Насколько Робин могла судить, комната с телевизором была единственной, в которой кто-то находился. Дверь в нее была приоткрыта, и свет от экрана лился в коридор. Она начала осторожно приближаться к двери, звук ее шагов заглушался голосами журналистов.
– ...началось здесь, в Великобритании, не так ли?
– Верно, Джон, в конце восьмидесятых. Теперь, конечно, распространилось на континент и Северную Америку...
Робин подкралась к двери комнаты. Прячась в тени, она заглянула в щель.
В комнате было бы совершенно темно, если бы не телевизор и похожий на луну фонарь за окном, который висел между зданиями на Руперт-корт. Робин могла видеть угол детской переноски, в которой, предположительно, сейчас лежал младенец, край кровати с синим покрывалом, детскую бутылочку на полу и краешек наспех собранной сумки, из которой торчала какая-то белая ткань. Однако ее внимание было приковано к женщине, которая стояла на коленях на полу спиной к двери.
У нее были темные волосы, собранные сзади в пучок, и одета она была в толстовку и джинсы. Ее руки были чем-то заняты. Когда Робин посмотрела на отражение женщины в окне, то увидела, что та быстро пересчитывает стебли тысячелистника перед лежащей на полу открытой книгой. На черном шнурке на ее шее висел белый предмет. Только когда Робин вгляделась в отражение лица, ее сердце начало бешено колотиться в груди. Со знакомым страхом и отвращением, которые она испытала бы, увидев ползущего по полу тарантула, она узнала длинный заостренный нос и темные прищуренные глаза Мазу Уэйс.
131
Огонь не существует сам по себе, он цепко держится за горящий материал.
«И цзин, или Книга перемен»
Перевод Ю. К. Щуцкого
Пока Страйк и Эбигейл разговаривали, в комнате становилось все темнее. Эбигейл поднялась на ноги, включила свет, затем вернулась к детективу и села обратно.
– Как она может быть все еще жива? Это безумие.
– Давай порассуждаем, – сказал Страйк, – предположим, что твой отец и Мазу хотели спрятать Дайю от семьи Грейвс, чтобы помешать им взять у нее образец ДНК и доказать, что она дочь Александра, а не твоего отца.

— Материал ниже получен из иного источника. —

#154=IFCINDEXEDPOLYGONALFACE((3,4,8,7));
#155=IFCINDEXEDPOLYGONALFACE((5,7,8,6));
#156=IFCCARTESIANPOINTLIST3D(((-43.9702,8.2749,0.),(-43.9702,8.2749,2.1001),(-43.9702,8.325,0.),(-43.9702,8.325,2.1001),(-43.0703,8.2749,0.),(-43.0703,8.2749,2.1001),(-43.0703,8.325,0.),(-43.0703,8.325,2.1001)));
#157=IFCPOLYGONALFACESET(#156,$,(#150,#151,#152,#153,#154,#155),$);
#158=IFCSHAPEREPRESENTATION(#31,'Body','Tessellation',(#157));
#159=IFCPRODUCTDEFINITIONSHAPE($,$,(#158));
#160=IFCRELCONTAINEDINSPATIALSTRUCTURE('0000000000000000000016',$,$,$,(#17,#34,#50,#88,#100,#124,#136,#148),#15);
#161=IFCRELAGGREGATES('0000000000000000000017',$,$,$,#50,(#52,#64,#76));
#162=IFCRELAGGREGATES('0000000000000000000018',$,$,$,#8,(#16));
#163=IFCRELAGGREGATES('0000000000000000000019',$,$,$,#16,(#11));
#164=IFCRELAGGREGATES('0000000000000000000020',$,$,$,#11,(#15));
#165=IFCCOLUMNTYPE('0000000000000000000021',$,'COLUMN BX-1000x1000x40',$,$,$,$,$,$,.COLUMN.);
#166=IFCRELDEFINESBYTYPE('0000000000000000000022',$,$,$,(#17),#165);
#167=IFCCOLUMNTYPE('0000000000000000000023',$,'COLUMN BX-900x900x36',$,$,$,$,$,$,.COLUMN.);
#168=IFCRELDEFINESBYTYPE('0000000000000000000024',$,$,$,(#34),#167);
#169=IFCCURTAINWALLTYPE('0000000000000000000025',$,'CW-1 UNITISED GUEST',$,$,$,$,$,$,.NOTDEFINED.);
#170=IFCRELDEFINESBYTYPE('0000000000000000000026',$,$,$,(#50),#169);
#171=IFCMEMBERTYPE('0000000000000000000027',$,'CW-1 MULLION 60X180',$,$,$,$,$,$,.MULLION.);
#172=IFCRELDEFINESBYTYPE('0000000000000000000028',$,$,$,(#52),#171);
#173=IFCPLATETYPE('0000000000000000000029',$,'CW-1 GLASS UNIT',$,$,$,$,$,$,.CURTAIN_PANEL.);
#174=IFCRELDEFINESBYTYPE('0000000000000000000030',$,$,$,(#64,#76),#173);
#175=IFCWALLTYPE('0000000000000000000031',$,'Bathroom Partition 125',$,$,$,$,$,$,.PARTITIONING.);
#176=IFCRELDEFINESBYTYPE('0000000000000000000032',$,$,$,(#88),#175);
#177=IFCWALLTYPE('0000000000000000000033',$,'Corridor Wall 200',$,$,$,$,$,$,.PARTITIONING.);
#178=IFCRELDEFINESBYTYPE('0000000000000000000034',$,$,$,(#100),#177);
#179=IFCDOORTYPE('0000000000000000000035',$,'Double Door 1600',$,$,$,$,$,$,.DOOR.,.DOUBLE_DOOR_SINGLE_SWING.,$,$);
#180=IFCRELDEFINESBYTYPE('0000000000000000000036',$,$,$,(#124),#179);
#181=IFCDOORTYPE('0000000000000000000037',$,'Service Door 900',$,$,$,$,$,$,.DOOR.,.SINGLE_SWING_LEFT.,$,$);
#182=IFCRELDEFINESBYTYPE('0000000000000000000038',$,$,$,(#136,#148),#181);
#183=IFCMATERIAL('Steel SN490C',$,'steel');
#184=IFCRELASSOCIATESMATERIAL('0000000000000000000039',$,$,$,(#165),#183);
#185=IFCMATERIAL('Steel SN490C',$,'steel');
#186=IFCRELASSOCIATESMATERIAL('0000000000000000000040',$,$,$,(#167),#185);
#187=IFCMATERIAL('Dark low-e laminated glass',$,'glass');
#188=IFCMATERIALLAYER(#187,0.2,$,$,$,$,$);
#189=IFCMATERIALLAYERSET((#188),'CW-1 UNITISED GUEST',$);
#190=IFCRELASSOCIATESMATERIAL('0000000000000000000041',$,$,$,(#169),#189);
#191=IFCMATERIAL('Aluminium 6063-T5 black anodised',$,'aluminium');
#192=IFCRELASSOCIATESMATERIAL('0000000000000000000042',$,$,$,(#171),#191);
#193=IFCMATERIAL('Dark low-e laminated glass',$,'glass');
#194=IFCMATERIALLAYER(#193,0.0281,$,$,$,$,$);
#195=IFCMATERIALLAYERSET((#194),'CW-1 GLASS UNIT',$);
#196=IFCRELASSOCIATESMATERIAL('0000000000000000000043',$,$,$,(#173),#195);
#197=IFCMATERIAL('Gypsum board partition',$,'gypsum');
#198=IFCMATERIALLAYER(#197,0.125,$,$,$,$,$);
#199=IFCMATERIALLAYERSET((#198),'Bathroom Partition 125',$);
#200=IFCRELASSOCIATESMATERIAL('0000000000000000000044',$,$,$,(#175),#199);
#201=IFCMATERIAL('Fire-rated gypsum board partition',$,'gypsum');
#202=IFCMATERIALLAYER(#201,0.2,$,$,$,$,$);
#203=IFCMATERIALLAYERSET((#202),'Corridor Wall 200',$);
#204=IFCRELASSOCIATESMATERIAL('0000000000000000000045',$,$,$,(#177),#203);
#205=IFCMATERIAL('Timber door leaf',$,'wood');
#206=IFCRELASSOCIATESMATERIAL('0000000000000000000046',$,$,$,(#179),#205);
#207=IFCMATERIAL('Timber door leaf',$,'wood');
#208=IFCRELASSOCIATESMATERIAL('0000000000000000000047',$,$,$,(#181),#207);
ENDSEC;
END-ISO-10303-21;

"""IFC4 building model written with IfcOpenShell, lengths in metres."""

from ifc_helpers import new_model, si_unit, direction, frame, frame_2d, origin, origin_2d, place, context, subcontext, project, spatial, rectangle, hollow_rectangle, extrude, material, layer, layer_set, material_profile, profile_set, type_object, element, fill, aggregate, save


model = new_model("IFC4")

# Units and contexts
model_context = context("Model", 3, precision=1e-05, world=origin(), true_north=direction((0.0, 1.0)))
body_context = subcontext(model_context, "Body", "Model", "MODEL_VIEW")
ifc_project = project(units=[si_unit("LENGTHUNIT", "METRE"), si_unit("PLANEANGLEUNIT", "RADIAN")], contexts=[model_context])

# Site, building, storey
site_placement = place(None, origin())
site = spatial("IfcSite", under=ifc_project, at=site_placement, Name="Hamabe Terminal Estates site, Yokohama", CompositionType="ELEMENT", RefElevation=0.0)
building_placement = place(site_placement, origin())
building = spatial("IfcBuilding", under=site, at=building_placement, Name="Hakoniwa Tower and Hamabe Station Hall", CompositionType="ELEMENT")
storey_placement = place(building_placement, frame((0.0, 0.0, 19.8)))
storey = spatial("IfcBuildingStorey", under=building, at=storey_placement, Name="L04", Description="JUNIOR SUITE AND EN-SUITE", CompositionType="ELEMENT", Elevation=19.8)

Помимо того факта, что Мазу хотела оставить свою дочь себе, четверть миллиона вернулись бы под контроль Грейвсов, если бы они получили опекунство. Что, если твой отец и Мазу инсценировали смерть Дайю, а Шерри была добровольной сообщницей? Допустим, вместо того, чтобы утопить, Дайю увезли с фермы на достаточно долгое время, чтобы в нужной степени изменить ее внешность. Затем она вернулась три года спустя под другим именем, как ребенок, который, предположительно, отправился в Бирмингем, чтобы пройти подготовку в качестве будущего церковного лидера. Воспоминания становятся расплывчатыми. Зубы можно исправить. Никто точно не знает, сколько кому там лет. Что, если твой отец и Мазу выдали Дайю за Бекку Пёрбрайт?

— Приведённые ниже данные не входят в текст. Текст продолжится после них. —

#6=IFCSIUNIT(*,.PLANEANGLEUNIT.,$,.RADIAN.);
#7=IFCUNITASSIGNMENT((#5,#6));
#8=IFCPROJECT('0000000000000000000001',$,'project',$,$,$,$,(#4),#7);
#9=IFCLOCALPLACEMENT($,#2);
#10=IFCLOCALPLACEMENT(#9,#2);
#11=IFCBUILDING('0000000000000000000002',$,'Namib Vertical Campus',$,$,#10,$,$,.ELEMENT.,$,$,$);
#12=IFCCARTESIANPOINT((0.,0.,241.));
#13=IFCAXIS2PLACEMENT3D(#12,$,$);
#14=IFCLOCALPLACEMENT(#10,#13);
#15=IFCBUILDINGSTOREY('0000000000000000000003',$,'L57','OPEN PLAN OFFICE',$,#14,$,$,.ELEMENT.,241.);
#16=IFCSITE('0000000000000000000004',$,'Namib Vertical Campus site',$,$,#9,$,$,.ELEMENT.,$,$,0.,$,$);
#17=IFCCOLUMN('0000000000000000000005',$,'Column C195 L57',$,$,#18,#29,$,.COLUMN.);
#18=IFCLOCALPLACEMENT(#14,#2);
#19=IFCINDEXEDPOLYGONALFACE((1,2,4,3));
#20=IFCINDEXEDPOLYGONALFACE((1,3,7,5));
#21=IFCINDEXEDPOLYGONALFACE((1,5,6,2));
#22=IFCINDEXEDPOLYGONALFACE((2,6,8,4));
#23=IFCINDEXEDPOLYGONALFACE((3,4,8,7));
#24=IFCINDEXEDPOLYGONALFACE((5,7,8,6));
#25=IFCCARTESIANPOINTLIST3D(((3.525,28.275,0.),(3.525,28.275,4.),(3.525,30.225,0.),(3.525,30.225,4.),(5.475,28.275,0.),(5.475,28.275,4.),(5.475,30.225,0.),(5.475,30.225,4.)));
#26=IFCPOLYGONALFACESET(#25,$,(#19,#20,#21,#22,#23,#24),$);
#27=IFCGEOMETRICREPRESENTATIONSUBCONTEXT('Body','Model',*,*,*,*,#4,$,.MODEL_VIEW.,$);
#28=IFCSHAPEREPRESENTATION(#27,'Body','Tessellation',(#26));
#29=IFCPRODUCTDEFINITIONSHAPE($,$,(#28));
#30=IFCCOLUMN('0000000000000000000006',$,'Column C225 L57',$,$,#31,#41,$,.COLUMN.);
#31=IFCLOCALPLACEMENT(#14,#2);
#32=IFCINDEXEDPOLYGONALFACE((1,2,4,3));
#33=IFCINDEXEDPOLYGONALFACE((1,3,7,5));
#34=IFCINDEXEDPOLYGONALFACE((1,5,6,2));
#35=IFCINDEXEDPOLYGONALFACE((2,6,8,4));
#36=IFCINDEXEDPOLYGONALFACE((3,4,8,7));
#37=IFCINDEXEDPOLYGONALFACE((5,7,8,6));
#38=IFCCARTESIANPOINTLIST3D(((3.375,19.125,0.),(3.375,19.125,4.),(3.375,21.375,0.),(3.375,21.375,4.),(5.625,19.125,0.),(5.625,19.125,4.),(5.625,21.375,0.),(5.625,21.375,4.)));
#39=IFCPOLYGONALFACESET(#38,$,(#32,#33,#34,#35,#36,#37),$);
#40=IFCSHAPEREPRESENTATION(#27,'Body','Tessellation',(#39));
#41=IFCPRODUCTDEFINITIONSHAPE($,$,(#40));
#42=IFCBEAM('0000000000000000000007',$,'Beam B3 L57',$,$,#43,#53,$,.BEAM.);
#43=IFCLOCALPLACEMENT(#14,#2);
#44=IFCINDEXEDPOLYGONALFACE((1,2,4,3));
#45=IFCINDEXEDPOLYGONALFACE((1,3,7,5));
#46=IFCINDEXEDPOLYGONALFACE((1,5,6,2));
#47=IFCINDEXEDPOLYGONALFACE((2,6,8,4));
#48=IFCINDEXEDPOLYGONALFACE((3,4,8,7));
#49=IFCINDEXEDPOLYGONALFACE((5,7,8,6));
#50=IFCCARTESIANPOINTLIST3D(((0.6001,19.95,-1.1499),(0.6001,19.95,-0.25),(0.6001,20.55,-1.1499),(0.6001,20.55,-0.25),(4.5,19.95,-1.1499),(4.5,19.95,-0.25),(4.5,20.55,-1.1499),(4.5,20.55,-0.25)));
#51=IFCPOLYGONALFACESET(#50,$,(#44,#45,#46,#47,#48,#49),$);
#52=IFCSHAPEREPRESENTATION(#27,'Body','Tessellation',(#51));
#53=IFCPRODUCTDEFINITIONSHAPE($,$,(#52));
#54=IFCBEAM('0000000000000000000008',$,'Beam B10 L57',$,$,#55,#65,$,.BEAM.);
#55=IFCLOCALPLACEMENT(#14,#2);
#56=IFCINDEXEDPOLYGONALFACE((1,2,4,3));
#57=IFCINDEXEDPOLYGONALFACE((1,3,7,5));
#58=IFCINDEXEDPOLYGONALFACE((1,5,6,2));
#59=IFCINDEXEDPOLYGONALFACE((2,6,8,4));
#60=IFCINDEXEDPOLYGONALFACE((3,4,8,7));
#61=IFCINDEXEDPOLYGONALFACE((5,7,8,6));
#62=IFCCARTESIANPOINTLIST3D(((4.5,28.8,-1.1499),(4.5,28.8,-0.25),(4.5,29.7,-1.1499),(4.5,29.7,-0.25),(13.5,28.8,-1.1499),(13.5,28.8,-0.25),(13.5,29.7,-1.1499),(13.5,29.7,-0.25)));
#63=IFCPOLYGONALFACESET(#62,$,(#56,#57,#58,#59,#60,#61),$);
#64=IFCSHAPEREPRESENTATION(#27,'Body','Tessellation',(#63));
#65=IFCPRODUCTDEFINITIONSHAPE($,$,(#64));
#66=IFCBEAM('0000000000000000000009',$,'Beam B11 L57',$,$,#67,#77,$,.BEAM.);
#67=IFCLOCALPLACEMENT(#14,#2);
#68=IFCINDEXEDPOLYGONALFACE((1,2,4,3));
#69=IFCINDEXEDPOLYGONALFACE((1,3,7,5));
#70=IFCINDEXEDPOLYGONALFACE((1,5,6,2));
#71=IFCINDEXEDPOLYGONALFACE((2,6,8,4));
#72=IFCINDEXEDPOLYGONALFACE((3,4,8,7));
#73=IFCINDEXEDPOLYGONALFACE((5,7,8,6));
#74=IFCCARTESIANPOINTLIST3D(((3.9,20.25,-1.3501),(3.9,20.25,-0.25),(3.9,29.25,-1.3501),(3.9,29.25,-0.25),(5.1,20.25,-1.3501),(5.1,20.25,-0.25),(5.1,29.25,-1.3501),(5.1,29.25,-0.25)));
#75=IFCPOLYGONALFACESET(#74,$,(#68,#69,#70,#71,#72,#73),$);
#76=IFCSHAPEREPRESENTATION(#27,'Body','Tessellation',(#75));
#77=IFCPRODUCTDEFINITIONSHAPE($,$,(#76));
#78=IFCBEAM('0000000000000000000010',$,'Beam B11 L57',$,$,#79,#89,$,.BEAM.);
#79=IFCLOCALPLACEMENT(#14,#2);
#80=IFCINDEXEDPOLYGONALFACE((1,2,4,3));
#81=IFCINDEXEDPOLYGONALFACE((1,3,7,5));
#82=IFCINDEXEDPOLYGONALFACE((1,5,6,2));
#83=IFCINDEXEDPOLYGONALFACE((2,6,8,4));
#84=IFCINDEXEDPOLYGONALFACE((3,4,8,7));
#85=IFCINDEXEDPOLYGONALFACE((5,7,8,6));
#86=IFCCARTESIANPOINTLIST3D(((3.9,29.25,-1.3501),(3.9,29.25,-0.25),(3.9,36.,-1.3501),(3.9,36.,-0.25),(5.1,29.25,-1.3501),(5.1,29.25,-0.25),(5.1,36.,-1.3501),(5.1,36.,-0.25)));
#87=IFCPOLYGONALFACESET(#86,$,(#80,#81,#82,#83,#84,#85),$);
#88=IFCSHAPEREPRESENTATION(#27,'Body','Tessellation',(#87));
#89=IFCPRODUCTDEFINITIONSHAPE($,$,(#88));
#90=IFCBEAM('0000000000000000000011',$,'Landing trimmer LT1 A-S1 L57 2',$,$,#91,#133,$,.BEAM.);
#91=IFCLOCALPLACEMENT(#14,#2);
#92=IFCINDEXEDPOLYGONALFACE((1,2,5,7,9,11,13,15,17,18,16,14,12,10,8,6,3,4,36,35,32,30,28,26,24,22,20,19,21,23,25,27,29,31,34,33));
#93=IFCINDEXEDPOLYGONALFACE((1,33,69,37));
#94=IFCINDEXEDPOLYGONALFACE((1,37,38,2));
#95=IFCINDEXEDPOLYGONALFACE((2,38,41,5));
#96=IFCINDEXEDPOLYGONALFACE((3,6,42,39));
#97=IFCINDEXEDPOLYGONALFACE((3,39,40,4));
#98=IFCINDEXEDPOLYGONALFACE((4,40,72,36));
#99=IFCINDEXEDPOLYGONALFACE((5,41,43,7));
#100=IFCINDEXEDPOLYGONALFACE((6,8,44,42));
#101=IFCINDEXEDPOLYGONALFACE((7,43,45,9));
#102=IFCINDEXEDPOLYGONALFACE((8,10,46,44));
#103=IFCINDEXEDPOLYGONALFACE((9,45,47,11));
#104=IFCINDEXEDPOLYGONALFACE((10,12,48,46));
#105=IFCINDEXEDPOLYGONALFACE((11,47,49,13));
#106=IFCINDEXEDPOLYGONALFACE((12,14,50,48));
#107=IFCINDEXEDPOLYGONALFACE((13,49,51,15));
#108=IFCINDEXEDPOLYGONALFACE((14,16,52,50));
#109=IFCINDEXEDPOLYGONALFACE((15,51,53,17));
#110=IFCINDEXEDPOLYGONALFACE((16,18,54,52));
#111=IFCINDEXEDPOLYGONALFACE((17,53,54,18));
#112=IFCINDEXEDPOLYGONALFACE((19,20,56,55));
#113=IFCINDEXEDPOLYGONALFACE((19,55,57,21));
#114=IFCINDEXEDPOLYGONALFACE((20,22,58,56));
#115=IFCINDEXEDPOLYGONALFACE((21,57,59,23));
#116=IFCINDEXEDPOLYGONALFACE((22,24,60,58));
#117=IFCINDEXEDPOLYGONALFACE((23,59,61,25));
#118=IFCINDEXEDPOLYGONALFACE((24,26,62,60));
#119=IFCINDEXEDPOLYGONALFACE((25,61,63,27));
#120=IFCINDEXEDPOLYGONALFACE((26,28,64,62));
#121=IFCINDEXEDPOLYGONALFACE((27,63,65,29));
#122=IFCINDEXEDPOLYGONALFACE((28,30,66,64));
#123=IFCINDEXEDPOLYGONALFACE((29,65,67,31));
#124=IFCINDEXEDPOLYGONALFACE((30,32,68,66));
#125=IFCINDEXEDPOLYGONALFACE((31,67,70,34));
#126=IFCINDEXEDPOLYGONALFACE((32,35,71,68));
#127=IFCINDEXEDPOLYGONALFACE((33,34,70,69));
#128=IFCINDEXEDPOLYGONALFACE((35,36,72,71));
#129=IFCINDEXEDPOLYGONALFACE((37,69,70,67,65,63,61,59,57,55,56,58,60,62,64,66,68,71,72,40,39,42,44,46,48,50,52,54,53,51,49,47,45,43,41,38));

– Да брось, – сказала Эбигейл. – Ее сестра и брат знали бы, что она не Бекка! Ее мать узнала бы! Люди так сильно не меняются. Им бы это никогда не сошло с рук!
– Ты не думаешь, что людям можно настолько промыть мозги, что они согласятся с тем, что им говорят церковные лидеры? Даже если опровержение у них прямо перед носом?
– Это бы выплыло наружу, – настаивала Эбигейл. – Дайю было бы... сколько? – десять, когда она вернулась? Скажу тебе по секрету: Дайю никогда бы не стала держать рот на замке о том, кем она была на самом деле. Притвориться обычным ребенком, а не дочерью папы Джея и мамы Мазу? Ни за что.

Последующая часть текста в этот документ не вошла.